- A standout in a sometimes bland crowd
- Good fit and finish
- Soaring gas mileage numbers from the Hybrid
- Firm, fine ride and handling
- On the smaller end of the family-car scale
- No paddles for shifting Fusion Sport's transmission
- Smaller V-6 groans when pushed
The 2012 Ford Fusion stays at the top of its game, especially as a Hybrid, with perky handling and its cut-above looks.
The 2012 Ford Fusion marks the end of an era at Ford. After the Taurus lost the narrative in the mid-1990s, Ford's fortunes in the family-car segment faded--for a decade. The Fusion came along in 2006 and it's been a steadily growing sales success ever since, posting some of its best numbers this year even as Ford prepares a replacement for the 2013 model year.
It's easy to see why the Fusion is popular. It starts with smart styling, a little aggressive in its thick-barred grille and squat taillamps. It owes a little bit to the Ford 427 concept car from the auto-show circuit, and it went on to influence designs like that of the 2010 Ford Taurus, now a full-sizer above the Fusion in the pecking order. From the side, the Fusion's pretty traditional, almost plain, but it's wearing well with age. The cabin walks the same tightrope, with a simple design and some rich-feeling pieces woven into a cleanly laid out set of controls. Almost everything looks good, in a traditional way, and the textures look and feel swell. It may not be the extrovert like the Kia Optima or Hyundai Sonata, but the Fusion still has a spring in its styling step, six years down the road.
A choice of four engines, manual or automatic transmissions, gas or hybrid technology, and front- or all-wheel drive leaves plenty of room in the Fusion lineup for shoppers to find a good match. Base cars get a 175-horsepower, 2.5-liter four-cylinder engine and a six-speed manual transmission, with an automatic option. It's rare to find these in press fleets, but as luck would have it, we've rented three of these in showroom condition in the past year, and can judge it very competitive with some other base four-cylinders. It's responsive, not sluggish in the least, and the six-speed automatic actually improves fuel economy. We'd choose it before opting for the flex-fuel-capable 3.0-liter V-6. With 240 horsepower it's better in acceleration, but it groans as it delivers it, and fuel economy is just average. The Fusion Sport's 3.5-liter, 263-hp V-6 is a much better bet: it's happier to rev, much quicker than the horsepower difference indicates, and responds briskly through its paddle-shifted automatic. Gas mileage tops out at 25 mpg highway; adding all-wheel drive to the six-cylinder cars drops mileage by a mile per gallon in most cases.

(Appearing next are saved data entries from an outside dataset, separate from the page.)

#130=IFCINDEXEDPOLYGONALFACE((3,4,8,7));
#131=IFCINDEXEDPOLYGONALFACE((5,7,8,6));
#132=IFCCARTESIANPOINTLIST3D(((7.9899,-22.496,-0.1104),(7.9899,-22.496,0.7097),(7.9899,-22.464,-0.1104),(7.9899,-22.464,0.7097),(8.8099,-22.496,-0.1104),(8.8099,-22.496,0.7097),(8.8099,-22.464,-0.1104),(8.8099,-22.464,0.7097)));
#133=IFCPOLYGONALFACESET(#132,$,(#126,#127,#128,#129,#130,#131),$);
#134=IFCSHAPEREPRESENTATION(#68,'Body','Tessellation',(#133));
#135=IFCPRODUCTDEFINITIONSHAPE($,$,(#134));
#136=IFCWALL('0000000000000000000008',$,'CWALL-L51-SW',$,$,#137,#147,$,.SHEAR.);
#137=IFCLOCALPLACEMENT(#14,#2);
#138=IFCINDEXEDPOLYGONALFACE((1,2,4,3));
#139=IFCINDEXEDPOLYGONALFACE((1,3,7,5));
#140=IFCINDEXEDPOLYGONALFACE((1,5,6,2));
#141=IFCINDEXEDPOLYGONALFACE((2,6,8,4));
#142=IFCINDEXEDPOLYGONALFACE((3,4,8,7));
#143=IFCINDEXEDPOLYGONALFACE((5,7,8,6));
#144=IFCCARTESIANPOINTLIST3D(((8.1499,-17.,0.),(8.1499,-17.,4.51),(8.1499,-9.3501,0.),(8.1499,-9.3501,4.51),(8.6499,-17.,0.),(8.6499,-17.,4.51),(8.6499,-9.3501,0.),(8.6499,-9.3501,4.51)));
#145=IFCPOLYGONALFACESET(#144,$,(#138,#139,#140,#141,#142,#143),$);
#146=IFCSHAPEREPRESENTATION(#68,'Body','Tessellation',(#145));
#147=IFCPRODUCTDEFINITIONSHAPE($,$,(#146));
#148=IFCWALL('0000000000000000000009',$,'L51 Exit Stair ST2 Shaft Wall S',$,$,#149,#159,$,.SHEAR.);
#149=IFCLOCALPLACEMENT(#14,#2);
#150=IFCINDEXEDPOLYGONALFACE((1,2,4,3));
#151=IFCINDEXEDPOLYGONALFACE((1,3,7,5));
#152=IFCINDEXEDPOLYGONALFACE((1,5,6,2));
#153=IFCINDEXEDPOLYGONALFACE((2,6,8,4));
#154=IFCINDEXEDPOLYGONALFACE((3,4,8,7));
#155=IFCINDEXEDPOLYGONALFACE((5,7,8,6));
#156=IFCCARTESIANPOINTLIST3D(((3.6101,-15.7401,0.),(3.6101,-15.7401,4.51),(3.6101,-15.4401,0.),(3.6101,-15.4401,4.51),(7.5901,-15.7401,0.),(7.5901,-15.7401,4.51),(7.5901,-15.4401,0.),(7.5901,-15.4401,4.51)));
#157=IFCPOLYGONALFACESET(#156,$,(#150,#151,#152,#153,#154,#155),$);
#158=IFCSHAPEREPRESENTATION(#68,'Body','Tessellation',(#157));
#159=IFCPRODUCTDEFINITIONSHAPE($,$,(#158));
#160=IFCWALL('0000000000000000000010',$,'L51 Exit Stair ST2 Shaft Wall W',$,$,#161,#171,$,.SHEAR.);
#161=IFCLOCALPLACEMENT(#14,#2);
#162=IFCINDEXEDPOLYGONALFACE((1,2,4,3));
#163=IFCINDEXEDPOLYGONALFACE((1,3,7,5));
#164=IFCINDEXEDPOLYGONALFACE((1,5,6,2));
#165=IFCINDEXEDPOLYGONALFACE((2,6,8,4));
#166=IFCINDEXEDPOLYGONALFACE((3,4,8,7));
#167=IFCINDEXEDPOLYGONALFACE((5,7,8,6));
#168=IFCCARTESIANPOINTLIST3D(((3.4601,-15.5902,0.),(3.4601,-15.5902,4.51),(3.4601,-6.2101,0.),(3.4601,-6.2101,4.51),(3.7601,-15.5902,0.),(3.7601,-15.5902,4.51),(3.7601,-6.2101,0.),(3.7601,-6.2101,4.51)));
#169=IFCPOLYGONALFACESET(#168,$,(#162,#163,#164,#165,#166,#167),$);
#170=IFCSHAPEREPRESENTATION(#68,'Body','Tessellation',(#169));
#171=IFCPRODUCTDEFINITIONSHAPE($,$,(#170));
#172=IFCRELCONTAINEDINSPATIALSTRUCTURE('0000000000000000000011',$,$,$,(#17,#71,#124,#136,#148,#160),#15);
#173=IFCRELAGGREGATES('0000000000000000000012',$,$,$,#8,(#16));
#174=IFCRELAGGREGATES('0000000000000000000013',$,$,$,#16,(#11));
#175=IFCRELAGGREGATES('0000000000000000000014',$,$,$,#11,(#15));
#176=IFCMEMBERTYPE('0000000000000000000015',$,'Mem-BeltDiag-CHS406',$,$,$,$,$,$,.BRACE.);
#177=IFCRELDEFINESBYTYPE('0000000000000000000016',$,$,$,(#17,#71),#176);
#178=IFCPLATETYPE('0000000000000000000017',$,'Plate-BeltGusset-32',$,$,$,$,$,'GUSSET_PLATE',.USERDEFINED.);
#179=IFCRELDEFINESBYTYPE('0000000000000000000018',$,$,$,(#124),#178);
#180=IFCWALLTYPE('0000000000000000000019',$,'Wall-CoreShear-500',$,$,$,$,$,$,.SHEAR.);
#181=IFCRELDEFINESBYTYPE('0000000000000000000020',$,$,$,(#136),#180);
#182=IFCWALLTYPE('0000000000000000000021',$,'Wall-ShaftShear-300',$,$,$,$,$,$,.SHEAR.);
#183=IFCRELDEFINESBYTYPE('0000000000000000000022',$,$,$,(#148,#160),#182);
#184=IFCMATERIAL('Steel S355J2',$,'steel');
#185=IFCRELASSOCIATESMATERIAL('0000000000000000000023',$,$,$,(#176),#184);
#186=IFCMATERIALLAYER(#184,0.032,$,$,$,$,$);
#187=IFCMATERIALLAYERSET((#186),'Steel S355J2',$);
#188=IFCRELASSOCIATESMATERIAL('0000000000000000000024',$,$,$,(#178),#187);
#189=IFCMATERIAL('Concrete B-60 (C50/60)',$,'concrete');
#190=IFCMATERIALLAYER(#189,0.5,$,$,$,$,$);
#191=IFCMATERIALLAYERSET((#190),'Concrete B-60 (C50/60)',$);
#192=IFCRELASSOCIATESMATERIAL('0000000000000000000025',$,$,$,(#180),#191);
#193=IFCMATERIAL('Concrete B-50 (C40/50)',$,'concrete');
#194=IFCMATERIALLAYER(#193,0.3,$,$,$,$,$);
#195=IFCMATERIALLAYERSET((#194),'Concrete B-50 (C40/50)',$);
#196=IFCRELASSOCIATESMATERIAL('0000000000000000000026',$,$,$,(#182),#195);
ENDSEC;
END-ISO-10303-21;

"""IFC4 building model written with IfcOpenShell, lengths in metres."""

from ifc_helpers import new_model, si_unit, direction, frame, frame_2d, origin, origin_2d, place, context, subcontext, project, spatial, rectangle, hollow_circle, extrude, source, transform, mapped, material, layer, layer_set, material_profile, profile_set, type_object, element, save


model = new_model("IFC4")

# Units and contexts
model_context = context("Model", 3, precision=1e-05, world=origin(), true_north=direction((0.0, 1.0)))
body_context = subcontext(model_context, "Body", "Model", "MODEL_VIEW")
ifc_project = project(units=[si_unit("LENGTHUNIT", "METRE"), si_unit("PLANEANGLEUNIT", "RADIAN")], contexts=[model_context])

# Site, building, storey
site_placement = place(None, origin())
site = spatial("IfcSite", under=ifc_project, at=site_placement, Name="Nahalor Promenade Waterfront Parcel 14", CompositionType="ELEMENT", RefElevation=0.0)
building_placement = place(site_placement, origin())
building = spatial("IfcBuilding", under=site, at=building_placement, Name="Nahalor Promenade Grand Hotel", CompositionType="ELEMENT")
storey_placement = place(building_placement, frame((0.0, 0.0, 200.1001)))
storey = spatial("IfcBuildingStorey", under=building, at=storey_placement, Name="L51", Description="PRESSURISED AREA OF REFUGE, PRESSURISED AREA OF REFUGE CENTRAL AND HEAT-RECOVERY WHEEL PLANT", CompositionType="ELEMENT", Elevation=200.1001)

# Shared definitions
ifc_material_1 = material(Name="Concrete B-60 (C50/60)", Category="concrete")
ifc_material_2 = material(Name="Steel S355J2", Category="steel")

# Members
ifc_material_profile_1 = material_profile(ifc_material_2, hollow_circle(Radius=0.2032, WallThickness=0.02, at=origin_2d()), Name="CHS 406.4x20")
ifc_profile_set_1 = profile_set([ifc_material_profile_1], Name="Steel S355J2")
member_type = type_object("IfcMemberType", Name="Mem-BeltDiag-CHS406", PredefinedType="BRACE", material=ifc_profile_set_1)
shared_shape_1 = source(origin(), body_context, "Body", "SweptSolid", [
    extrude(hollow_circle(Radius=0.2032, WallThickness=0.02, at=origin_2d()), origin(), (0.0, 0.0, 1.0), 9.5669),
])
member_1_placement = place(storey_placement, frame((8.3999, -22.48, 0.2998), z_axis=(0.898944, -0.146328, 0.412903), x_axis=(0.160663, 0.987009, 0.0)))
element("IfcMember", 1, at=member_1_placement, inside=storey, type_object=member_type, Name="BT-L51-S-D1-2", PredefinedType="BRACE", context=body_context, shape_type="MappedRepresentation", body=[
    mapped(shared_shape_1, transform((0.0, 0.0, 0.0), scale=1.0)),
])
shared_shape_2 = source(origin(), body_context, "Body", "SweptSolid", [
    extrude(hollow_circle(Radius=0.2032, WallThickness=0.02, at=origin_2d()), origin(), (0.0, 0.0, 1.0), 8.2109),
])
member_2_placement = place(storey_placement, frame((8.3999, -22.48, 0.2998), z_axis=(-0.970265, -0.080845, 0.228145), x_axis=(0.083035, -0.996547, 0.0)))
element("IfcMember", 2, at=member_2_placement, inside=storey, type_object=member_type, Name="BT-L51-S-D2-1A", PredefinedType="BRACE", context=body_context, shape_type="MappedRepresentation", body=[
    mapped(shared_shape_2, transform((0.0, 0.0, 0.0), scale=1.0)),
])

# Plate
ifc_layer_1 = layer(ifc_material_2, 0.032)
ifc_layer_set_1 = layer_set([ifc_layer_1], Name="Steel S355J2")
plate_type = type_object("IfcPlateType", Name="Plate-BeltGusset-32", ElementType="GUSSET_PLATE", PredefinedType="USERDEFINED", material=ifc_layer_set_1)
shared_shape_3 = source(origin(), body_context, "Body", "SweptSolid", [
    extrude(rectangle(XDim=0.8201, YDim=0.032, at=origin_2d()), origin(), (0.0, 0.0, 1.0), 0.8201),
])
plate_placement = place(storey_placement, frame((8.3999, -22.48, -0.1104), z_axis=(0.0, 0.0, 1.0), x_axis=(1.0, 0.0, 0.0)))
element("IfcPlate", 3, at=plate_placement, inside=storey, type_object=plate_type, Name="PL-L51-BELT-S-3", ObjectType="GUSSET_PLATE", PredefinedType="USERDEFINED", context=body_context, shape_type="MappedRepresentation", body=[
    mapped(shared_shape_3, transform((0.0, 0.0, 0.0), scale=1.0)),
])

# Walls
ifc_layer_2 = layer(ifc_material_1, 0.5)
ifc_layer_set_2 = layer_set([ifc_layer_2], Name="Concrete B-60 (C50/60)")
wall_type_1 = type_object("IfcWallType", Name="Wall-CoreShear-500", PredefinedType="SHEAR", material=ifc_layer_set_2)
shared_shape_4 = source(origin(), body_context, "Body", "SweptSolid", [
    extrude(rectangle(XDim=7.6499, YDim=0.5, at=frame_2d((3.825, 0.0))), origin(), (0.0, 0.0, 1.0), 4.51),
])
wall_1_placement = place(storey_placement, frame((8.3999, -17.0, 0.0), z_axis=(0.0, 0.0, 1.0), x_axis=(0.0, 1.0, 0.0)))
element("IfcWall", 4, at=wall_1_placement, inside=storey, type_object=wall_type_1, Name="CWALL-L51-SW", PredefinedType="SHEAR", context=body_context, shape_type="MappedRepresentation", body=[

Given the budget, the Fusion Hybrid would be our default choice. It teams a 156-horsepower four-cylinder with an electric motor running at the equivalent of 40 horsepower, for a total of 196 hp. The Hybrid earns a 41/36 mpg EPA rating, has an EV-only driving mode at speeds of up to 47 mph, and has a smooth feel that's one of the best hybrid integrations this side of the Chevrolet Volt.
The Hybrid's a Fusion calling card, but so is perky handling. Its electric power steering is one of its better attributes, but so is its well-tuned ride, which doesn't have much body roll for a family sedan. It's not too stiff, even with big wheels and tires and tauter suspension on Sport models, and even with all-wheel drive, the Fusion just feels more agile than most four-doors in the segment.
By the numbers, the Fusion doesn't have the biggest interior of its kind, but it's arranged very well, to make the best use of the space. The driving position is lower than you'll find in a Hyundai Sonata, for example, but leg room and head room is still ample, and the Fusion has telescoping steering and well-contoured seats. The center console spreads into knee room a bit. The rear doors swing open wide for easy access; there's less knee and head room than in larger sedans like the Accord, and still the Fusion isn't cramped unless you try to jam in a third adult across the back row. The 16-cubic-foot trunk is big and the opening is wide, too; Hybrids store their batteries back there, so volume is down and the rear seats don't fold flat like they do on other models.
The 2012 Fusion isn't the high achiever in this class for safety, but it performs pretty well. The IIHS gives it a Top Safety Pick honor, with top scores in all tests, but its federal NCAP scores include a three-star rating for frontal impact. Curtain airbags and stability control are standard, and the Fusion offers a blind-spot monitor system, Bluetooth, and a rearview camera as options.
All models have standard climate control; power windows, locks and mirrors; a tilt/telescoping wheel; an AM/FM/CD player with an auxiliary audio jack; and split-folding rear seats. SEL and Hybrid models get standard leather upholstery; Bluetooth; SYNC; and 17-inch wheels. Options include HD Radio; Sony audio; a sunroof; real-time traffic information; and a navigation system.